Recently, I finished the “Writing an Interpreter in Go”. As I started reading the sequel, I found myself puzzled by the shift from interpreting source code to compiling it into code for virtual machines. This prompted me to understand the concept of compilers, Bytecode, and the reasons behind its efficiency.

In the first book, the workflow was straightforward:

Source Code
|
| (Lexer)
v
Tokens
|
| (Parser)
v
Abstract Syntax Tree (AST)
|
| (Evaluator)
v
Output

The Lexer transforms the source code into tokens. These tokens are then parsed into an Abstract Syntax Tree (AST) based on predefined rules, and subsequently evaluated to produce the final output.

However, in the sequel, the workflow takes a different turn:

Source Code
|
| (Lexer)
v
Tokens
|
| (Parser)
v
Abstract Syntax Tree (AST)
|
| (Compiler)
v
Bytecode
|
| (Virtual Machine)
v
Output

In this new workflow, the AST is compiled into Bytecode instead of being directly evaluated. The Bytecode is then executed to produce the output.

Let’s take an example:

Source Code:

def add(a, b):
return a+b
AST:

FunctionDef
|-- name: "add"
|-- args: Arguments
| |-- args: ["a", "b"]
|-- body: Return
|-- value: BinOp
|-- left: "a"
|-- op: Add
|-- right: "b"

This is then converted into Bytecode:

LOAD_FAST 0
LOAD_FAST 1
BINARY_ADD
RETURN_VALUE

Finally, the virtual machine translates this into:

mov eax, [ebp+8]
add eax, [ebp+12]
ret

This final form may seem like an alien language to the uninitiated, but it’s the language our hardware understands and executes.
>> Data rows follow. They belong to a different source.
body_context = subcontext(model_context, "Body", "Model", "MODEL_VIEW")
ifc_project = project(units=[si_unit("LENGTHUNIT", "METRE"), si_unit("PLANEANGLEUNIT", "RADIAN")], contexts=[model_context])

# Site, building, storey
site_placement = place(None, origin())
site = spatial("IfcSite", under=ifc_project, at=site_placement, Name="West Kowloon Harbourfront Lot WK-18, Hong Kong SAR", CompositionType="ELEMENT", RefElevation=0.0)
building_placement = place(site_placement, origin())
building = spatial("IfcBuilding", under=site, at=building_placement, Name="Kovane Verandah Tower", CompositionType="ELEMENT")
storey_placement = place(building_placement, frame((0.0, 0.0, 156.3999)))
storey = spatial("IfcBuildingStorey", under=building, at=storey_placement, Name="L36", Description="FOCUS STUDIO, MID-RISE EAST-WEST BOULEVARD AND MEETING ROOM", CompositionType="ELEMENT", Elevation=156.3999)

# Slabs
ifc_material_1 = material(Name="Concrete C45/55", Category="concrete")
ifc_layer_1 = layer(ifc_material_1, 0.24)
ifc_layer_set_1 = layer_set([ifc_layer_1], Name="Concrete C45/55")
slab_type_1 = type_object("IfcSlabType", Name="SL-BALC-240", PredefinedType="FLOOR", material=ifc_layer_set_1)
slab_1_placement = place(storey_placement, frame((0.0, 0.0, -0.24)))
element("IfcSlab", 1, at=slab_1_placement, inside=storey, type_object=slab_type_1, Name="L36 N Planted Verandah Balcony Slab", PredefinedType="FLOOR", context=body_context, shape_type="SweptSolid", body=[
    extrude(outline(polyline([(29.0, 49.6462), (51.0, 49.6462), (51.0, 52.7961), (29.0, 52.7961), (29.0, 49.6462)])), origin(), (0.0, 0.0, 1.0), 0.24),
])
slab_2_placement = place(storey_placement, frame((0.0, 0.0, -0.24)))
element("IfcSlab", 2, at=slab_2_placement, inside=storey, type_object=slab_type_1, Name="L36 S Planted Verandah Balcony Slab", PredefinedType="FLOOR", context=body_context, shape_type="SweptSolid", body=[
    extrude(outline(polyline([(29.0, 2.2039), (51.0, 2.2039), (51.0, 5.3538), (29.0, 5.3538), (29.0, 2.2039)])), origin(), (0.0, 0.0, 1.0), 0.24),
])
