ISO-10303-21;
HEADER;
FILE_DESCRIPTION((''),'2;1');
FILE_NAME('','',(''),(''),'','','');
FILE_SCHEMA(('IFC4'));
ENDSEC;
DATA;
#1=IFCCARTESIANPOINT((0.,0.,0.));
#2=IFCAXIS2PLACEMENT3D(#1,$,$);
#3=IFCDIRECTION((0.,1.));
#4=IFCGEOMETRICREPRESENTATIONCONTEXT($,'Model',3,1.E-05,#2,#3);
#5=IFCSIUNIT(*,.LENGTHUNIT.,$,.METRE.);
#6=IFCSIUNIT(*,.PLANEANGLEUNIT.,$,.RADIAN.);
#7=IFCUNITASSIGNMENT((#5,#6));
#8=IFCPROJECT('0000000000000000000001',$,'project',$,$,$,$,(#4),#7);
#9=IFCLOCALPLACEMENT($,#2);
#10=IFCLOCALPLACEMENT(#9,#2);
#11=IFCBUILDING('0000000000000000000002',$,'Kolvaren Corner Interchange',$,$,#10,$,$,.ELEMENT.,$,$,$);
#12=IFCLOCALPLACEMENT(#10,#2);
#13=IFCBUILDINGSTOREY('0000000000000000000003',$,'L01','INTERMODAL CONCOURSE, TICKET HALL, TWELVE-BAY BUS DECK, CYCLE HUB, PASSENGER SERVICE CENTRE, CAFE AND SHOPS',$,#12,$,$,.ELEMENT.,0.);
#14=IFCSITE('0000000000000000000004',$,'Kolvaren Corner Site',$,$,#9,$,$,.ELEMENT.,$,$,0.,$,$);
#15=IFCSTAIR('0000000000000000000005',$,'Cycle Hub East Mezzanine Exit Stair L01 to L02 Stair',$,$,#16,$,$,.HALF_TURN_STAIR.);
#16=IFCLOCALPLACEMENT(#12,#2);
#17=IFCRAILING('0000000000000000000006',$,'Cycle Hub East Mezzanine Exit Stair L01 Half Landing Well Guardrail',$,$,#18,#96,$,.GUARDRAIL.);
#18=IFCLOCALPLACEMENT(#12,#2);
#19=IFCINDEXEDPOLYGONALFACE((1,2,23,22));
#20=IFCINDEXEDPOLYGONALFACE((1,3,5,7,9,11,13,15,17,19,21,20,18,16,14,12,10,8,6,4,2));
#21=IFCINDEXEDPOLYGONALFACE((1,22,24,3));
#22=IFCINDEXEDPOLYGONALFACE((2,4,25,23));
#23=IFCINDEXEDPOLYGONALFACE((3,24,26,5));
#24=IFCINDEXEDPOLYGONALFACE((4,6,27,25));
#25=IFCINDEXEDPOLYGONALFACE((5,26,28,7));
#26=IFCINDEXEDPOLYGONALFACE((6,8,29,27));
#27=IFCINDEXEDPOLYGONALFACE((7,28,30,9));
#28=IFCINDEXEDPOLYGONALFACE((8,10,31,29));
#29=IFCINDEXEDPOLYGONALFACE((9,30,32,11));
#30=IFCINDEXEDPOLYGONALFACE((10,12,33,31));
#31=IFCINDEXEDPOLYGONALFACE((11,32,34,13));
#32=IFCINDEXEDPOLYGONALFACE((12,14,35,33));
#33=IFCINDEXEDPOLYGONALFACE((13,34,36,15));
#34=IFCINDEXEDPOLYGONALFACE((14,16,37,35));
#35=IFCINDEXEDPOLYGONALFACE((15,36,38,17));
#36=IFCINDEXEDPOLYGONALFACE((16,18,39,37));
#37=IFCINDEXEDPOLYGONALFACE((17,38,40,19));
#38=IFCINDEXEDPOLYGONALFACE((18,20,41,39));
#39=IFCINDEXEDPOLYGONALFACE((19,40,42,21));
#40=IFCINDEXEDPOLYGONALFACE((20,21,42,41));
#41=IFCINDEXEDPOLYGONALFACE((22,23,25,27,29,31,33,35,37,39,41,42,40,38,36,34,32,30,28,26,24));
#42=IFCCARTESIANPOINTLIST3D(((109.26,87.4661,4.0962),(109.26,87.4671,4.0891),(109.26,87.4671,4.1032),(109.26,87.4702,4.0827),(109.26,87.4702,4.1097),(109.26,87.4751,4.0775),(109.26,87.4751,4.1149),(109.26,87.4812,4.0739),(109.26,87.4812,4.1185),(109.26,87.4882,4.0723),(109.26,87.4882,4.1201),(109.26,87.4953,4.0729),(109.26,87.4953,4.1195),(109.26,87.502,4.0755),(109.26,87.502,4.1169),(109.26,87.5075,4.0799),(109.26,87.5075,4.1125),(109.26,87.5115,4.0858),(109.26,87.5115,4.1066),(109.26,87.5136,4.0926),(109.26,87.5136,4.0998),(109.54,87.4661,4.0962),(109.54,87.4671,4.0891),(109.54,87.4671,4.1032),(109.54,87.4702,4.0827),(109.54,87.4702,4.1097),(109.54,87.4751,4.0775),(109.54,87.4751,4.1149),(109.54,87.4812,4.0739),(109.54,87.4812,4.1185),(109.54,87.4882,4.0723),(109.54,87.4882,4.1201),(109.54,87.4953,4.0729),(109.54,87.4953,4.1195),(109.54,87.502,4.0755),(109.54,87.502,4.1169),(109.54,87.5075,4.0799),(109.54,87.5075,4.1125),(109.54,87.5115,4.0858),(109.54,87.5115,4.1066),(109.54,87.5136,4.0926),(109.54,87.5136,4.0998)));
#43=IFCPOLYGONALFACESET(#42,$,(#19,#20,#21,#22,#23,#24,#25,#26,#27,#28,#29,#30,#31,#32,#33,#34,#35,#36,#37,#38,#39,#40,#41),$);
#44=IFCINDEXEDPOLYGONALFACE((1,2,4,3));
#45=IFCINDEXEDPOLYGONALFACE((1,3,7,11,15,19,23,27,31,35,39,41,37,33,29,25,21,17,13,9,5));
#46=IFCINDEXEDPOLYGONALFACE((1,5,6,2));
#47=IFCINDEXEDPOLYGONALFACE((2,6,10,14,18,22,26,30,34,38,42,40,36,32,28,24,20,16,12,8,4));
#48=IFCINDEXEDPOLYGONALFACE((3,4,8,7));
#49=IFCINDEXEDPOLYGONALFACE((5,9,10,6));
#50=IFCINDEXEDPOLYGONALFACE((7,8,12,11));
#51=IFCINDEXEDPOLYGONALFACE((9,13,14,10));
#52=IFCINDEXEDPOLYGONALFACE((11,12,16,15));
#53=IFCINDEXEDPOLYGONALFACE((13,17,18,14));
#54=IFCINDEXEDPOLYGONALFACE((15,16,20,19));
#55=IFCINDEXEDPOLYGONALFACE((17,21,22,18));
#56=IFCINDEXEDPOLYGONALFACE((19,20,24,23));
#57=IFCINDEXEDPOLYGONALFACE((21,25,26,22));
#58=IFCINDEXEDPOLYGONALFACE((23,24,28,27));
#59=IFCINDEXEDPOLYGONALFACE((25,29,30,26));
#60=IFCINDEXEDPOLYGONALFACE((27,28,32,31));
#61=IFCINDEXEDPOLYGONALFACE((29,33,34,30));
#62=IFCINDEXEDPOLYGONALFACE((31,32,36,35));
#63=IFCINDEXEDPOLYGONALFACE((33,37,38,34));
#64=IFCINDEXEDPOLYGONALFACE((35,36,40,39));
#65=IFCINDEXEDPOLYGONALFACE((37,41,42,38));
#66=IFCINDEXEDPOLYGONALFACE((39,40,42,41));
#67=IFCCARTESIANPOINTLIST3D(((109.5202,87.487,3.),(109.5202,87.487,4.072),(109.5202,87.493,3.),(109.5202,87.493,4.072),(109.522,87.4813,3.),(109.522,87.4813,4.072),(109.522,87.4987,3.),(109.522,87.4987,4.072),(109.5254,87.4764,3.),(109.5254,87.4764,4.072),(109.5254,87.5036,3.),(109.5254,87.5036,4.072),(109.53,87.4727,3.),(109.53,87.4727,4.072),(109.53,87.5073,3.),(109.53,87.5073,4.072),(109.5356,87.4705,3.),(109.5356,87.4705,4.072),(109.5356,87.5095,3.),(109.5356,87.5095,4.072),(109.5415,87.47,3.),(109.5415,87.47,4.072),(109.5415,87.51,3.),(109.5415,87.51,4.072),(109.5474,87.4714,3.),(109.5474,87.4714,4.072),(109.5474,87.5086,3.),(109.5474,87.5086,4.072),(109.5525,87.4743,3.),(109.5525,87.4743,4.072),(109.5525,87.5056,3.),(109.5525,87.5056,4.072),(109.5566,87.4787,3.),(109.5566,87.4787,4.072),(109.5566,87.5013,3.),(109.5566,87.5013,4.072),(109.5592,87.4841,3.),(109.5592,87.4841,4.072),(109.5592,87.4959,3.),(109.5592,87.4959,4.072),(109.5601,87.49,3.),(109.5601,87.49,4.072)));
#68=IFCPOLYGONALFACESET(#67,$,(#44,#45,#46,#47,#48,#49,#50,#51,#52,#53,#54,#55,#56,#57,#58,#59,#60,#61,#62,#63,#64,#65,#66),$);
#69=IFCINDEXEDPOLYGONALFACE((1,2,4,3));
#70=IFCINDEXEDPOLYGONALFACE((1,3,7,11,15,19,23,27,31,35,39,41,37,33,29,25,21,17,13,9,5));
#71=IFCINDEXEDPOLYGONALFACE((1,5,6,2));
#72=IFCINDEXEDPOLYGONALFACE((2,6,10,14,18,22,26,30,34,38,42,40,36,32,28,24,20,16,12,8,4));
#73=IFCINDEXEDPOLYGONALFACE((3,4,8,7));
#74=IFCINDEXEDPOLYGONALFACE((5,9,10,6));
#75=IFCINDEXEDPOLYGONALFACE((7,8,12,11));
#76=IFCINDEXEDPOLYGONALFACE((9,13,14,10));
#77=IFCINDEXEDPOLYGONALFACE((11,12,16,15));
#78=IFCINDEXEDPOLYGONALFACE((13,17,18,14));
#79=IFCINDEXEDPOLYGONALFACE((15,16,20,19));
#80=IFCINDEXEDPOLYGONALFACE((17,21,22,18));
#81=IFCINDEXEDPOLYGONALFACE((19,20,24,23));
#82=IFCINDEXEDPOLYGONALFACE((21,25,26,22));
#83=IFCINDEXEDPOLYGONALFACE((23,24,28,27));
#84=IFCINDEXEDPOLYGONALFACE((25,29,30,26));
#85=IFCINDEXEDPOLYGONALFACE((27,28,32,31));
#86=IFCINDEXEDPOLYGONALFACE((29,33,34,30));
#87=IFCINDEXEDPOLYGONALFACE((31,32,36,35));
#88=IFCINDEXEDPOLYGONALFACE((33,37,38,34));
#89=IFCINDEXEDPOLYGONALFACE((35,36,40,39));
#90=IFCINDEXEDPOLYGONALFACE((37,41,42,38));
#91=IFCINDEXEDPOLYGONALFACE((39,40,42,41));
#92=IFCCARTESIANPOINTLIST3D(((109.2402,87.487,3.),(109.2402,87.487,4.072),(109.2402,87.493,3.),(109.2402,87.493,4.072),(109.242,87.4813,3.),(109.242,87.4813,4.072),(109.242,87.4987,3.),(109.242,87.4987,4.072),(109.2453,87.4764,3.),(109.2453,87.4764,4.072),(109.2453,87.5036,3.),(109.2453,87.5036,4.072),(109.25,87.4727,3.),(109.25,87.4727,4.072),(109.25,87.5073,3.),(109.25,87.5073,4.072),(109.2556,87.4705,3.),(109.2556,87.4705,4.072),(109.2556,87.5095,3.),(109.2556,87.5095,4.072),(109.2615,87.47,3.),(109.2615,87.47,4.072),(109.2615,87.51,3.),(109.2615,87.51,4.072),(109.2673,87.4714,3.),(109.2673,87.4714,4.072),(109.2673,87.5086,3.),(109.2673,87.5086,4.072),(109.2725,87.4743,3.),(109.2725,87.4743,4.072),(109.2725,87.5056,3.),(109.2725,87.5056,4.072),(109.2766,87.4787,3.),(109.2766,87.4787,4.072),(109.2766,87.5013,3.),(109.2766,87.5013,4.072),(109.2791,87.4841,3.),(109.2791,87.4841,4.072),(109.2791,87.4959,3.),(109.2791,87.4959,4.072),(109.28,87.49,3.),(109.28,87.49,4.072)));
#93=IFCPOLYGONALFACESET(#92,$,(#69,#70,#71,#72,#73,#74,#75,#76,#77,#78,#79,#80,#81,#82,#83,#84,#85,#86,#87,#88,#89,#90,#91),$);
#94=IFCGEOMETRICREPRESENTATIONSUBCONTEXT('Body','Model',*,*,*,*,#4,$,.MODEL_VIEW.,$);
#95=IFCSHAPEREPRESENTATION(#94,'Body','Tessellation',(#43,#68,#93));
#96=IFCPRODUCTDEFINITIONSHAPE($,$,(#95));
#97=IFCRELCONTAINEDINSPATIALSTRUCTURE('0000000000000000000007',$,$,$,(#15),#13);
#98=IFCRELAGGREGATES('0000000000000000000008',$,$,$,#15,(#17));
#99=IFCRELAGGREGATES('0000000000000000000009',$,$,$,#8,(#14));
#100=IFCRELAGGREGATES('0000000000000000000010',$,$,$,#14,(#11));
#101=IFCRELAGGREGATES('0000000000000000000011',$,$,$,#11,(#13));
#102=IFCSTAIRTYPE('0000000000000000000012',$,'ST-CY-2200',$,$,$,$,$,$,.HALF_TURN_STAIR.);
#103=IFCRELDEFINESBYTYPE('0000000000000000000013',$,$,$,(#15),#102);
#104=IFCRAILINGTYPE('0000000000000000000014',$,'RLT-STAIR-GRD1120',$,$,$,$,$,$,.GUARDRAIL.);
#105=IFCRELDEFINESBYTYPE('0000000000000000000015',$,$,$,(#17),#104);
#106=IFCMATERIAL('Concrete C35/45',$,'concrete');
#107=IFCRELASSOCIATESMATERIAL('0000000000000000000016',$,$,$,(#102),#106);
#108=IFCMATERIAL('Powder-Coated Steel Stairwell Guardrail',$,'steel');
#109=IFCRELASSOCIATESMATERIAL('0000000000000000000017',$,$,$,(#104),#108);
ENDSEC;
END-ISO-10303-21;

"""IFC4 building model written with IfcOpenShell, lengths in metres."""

from ifc_helpers import new_model, si_unit, direction, frame, origin, origin_2d, place, context, subcontext, project, spatial, circle, extrude, material, type_object, element, aggregate, save


model = new_model("IFC4")

# Units and contexts
model_context = context("Model", 3, precision=1e-05, world=origin(), true_north=direction((0.0, 1.0)))
body_context = subcontext(model_context, "Body", "Model", "MODEL_VIEW")
ifc_project = project(units=[si_unit("LENGTHUNIT", "METRE"), si_unit("PLANEANGLEUNIT", "RADIAN")], contexts=[model_context])

# Site, building, storey
site_placement = place(None, origin())
site = spatial("IfcSite", under=ifc_project, at=site_placement, Name="Kolvaren Corner Site", CompositionType="ELEMENT", RefElevation=0.0)
building_placement = place(site_placement, origin())
building = spatial("IfcBuilding", under=site, at=building_placement, Name="Kolvaren Corner Interchange", CompositionType="ELEMENT")
storey_placement = place(building_placement, origin())
storey = spatial("IfcBuildingStorey", under=building, at=storey_placement, Name="L01", Description="INTERMODAL CONCOURSE, TICKET HALL, TWELVE-BAY BUS DECK, CYCLE HUB, PASSENGER SERVICE CENTRE, CAFE AND SHOPS", CompositionType="ELEMENT", Elevation=0.0)

# Stair, railing
ifc_material_1 = material(Name="Concrete C35/45", Category="concrete")
stair_type = type_object("IfcStairType", Name="ST-CY-2200", PredefinedType="HALF_TURN_STAIR", material=ifc_material_1)
stair_placement = place(storey_placement, origin())
stair = element("IfcStair", 1, at=stair_placement, inside=storey, type_object=stair_type, Name="Cycle Hub East Mezzanine Exit Stair L01 to L02 Stair", PredefinedType="HALF_TURN_STAIR")
ifc_material_2 = material(Name="Powder-Coated Steel Stairwell Guardrail", Category="steel")
railing_type_1 = type_object("IfcRailingType", Name="RLT-STAIR-GRD1120", PredefinedType="GUARDRAIL", material=ifc_material_2)
railing_1_placement = place(storey_placement, frame((109.54, 87.49, 3.0)))
railing_1 = element("IfcRailing", 2, at=railing_1_placement, type_object=railing_type_1, Name="Cycle Hub East Mezzanine Exit Stair L01 Half Landing Well Guardrail", PredefinedType="GUARDRAIL", context=body_context, shape_type="SweptSolid", body=[
    extrude(circle(Radius=0.0239, at=origin_2d()), frame((0.0, 0.0, 1.0962), z_axis=(-1.0, 0.0, 0.0), x_axis=(0.0, -1.0, 0.0)), (0.0, 0.0, 1.0), 0.28),
    extrude(circle(Radius=0.02, at=origin_2d()), origin(), (0.0, 0.0, 1.0), 1.072),
    extrude(circle(Radius=0.02, at=origin_2d()), frame((-0.28, 0.0, 0.0)), (0.0, 0.0, 1.0), 1.072),
])
aggregate(stair, [railing_1])

save(model, "model.ifc")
The Rationale Behind Bytecode

The book cites efficiency, portability, and optimization as the primary reasons for this conversion to Bytecode.

Efficiency: Streamlining Functions

Bytecode, being more compact and faster to decode than high-level source code, allows virtual machines to execute it more rapidly than an interpreter can execute source code.

Consider this factorial function:

def factorial(n):
  if n == 0:
    return 1
  else:
    return n \* factorial(n-1)

When compiled to Bytecode, it becomes:

0 LOAD_FAST 0 (n)
3 LOAD_CONST 1 (0)
6 COMPARE_OP 2 (==)
9 POP_JUMP_IF_FALSE 16
12 LOAD_CONST 2 (1)
15 RETURN_VALUE
16 LOAD_FAST 0 (n)
19 LOAD_FAST 0 (n)
22 LOAD_CONST 3 (1)
25 BINARY_SUBTRACT
26 CALL_FUNCTION 1
29 BINARY_MULTIPLY
30 RETURN_VALUE

This Bytecode is more efficient because it transforms the recursive function into a loop, reducing the overhead of creating a new stack frame with each recursion.

Portability

Bytecode can be interpreted by any virtual machine, enhancing its portability. For instance, in Java, the Java Virtual Machine (JVM) executes the .class files, which are Bytecode, making Java programs platform-independent.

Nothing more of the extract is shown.